How to load balance with respect to memory, disk usage, and other attributes

I've found load balancers such as NGINX but those seem to work only by keeping in mind CPU usage and network traffic. How would I load balance with respect to other variables such as the amount of disk available at each node, or the amount of memory available?

Would I have to write my own request handling service in order to take advantage of those variables when deciding which node to send the request to?

This is my use case, I am building a distributed filesystem for erasure codes and would like the load balancer to send a write of a file to node that can handle the traffic, CPU load, has sufficient disk for the IO operation and has sufficient memory for the expected operation. As I understand, having a load balancer can only tackle the traffic and the CPU portions but how would I further augment the requirements of the load balancer?

Thank you for helping with my first question.


Rob-d mentions that load-balancers must perform health checks on the backend servers to ensure they're healthy and can serve requests. This is absolutely true and I think it's what would enable you to do what you want (checking other metrics and having the LB make routing choices based on those).

Assuming you're load-balancing HTTP, most load-balancers will perform an HTTP GET or HEAD to a certain page to check their status as a viable backend. This page could be a static image, a CSS file, or even an HTML page.

But it could also be a PHP/ASP/Java/Python page.

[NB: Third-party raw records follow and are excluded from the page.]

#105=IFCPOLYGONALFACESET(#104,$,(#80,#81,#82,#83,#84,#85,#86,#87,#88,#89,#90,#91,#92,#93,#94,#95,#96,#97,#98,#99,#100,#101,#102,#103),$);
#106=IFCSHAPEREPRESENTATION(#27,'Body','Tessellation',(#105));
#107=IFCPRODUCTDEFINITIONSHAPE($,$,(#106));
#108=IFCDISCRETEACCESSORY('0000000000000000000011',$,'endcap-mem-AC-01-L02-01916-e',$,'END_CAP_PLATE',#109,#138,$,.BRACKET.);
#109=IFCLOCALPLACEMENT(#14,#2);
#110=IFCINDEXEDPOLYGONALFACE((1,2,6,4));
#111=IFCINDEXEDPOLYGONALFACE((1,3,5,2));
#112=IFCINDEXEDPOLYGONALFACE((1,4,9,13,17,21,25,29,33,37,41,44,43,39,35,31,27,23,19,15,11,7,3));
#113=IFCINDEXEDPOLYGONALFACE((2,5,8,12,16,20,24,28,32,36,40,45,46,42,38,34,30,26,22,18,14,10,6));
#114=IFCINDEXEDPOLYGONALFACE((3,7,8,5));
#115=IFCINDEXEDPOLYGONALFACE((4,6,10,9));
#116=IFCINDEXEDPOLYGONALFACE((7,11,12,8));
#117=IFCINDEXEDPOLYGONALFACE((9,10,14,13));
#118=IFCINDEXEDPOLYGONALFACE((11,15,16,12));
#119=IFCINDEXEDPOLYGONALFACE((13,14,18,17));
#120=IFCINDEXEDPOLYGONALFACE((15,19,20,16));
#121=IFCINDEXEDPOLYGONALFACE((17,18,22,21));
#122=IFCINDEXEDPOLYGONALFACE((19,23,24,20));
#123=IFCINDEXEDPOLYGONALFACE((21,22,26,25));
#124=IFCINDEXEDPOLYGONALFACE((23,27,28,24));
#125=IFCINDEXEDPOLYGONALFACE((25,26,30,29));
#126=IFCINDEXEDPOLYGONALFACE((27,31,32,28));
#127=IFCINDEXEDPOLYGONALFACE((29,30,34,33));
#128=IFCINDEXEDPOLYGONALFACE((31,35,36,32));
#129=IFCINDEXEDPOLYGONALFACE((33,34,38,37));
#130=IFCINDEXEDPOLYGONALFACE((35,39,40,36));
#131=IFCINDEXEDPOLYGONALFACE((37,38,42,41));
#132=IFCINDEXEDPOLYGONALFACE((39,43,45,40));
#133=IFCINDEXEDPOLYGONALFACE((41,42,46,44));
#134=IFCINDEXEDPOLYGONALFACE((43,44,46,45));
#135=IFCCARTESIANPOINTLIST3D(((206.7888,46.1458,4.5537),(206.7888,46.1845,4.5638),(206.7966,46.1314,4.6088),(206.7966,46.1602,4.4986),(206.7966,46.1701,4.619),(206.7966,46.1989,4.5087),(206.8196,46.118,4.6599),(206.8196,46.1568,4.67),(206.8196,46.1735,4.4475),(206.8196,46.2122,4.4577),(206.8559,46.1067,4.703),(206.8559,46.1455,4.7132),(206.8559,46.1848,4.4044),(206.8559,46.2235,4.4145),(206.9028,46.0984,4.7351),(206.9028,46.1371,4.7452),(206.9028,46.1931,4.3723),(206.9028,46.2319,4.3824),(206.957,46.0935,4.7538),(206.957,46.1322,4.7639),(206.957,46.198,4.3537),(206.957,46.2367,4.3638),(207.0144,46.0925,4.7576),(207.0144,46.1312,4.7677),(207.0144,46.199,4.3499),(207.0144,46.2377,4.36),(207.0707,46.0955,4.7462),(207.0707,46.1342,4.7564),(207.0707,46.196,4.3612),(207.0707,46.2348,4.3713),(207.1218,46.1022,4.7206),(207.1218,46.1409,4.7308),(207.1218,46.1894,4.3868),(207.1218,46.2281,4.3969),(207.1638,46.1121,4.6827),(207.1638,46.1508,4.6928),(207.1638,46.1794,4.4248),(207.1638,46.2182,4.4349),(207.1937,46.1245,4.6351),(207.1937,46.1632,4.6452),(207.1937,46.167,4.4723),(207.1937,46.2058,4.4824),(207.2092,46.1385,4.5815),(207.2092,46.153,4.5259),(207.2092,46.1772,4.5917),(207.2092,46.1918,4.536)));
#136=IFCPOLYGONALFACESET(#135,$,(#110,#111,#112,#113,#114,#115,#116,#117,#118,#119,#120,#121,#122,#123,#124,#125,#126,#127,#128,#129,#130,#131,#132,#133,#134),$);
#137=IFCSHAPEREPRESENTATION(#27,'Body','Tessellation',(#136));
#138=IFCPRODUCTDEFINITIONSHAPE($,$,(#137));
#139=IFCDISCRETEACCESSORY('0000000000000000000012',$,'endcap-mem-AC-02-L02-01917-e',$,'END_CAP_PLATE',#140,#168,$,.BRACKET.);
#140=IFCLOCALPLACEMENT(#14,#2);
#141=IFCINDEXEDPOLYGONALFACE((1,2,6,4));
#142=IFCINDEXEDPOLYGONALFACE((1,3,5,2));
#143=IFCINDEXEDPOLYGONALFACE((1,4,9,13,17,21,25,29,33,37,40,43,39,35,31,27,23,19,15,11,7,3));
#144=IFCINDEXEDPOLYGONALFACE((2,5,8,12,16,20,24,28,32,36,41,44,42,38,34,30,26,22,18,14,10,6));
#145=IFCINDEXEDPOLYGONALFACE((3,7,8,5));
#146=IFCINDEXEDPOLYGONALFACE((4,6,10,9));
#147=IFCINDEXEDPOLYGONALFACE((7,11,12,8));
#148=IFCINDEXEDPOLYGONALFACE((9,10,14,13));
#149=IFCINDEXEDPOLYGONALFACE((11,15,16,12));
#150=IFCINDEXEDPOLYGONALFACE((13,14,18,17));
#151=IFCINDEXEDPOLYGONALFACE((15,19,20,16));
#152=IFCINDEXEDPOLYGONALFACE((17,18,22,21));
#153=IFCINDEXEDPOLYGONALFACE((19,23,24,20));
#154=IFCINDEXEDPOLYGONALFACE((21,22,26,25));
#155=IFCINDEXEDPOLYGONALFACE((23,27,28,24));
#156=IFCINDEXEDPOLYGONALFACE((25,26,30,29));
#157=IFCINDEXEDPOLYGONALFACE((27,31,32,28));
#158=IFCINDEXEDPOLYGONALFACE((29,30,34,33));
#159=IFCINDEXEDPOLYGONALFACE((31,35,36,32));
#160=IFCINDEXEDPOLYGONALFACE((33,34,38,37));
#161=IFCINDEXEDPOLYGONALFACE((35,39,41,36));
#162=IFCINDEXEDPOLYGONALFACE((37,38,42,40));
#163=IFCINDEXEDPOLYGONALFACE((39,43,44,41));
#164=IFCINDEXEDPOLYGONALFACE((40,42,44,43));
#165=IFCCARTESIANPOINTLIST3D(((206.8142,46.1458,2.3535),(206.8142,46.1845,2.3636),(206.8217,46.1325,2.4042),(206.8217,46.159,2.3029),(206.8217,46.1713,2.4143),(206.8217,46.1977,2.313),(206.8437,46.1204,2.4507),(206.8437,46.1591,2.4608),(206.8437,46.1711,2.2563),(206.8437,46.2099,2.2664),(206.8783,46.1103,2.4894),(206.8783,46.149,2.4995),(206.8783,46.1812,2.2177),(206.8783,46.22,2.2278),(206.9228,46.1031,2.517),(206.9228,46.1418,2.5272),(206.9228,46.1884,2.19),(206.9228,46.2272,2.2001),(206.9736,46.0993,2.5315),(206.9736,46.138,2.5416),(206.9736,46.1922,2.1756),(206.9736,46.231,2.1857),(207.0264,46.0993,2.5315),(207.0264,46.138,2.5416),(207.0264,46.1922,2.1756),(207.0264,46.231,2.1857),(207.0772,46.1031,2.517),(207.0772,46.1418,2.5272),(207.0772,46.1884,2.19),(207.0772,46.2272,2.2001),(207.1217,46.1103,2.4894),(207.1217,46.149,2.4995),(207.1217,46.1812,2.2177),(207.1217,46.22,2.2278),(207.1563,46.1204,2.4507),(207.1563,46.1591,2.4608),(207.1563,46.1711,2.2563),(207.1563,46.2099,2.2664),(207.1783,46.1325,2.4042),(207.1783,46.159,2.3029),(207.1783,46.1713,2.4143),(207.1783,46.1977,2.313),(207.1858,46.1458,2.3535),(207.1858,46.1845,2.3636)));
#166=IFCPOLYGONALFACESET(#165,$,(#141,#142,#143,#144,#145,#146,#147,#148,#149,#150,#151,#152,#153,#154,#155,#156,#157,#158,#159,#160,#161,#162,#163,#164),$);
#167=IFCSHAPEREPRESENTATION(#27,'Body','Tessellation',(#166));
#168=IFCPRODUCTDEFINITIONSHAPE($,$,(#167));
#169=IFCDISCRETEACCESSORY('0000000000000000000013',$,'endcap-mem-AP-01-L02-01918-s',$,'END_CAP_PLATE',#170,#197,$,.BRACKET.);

Some might argue that it should even be a page that can perform some sort of sanity check on your application's stack (SQL, NoSQL, helper services, etc..).

There's no reason you couldn't write a script which implements your complex load-balancing algorithm, and simply returns an HTTP/1.1 200 OK, or HTTP/1.1 503 Service Unavailable depending on whether or not the server is able to serve requests.

I know of at least one load-balancer that can perform a secondary agent-check, which is able to return more details than simply UP/DOWN, allowing a server's weight to be dynamically changed at configured intervals based on anything the server's agent decides. I think this would be exactly what you're looking for.


The question you're asking is an extremely important question in relation to load balancing, there are Two primary reasons why we load balance, first and most obvious is to split client requests to 2 or more servers, second to make that service highly available. Having configured the load balancer with these two outcomes in mind we then enter into the realm of whatif? - lets say you load balance two web servers and Apache crashes on host one, using just a load balancing algorithm like round robin the load balancer would still send client requests to the crashed server, so we also need to monitor the clients with 'health checks' - the primary reason for this is to take evasive actions when a health check fails - you can imagine the health checks the load balancer needs to perform on our Apache example - is Apache up? can you ping you gateway? is the disk full? can you reach your DB server? etc. etc.

There are many other advantages to load balancing like caching, sticky sessions, ssl offloading and network routing based on clients IP, geo location or browser, you can use http rewrites and redirects, modify headers and basically anything else you care to mention (the server temperature for example).

As for the metrics you mention these are not health checks but 'performance checks' or 'thesehold states'- the load balancer can of course poll the server for any metric you like and it will route requests based on the parameters you have defined - but load balancers are primarily network devices, the don't poll ram and cpu, something else does (external)and then informs the load balancer that a given threshold has been crossed (e.g RAM > 90% used) the load balancer then raise a semaphore 'don't route new requests to server1' and (the external service) continues to poll server1 until RAM < 90% - but what if all servers report RAM > 90% - you can see how quickly it gets complicated, in cloud load balancing these metrics are used to scale up and down the server pool behind the load balancer dynamically.

have a look here for an overview https://support.f5.com/kb/en-us/products/em/manuals/product/em-health-monitoring-3-0-0/11.html

-I voted your question back up, people should comment when down voting questions.


Typically the loadbalancing component of the loadbalancer is only only aware of either the number of active network connections and/or requests it has sent to a back-end server and knows nothing of the actual load those generate on the back-end system.

The load balancing algorithm you select determines which back-end server will handle the next new connection/request the loadbalancer receives.

The most simple is round-robin, where each subsequent new connection/request goes the next available back-end server.

In addition to round-robin most load balancers also support certain weighted load balancing algorithms that send can send proportionally more or fewer requests/connections to specific predefined back-end servers. (i.e. with back-end servers A with weight 1 and B with weight 2 server A will get to handle 1/3 of all requests and server B 2/3 of the new requests)

By adding a monitoring component certain loadbalancers are capable of dynamically adjusting that weight. i.e. when one back-end server starts slowing down compared to the others, it will dynamically get fewer new connections or fewer new requests.

I would say that adjusting the loadbalancer based on available disk space in a back-end server is definitely a non-standard performance metric. :)

With regards to loadbalancing based on "requirements for the expected operation" that requires deep understanding of the protocol you're designing and do you really want to duplicate such logic in the loadbalancer?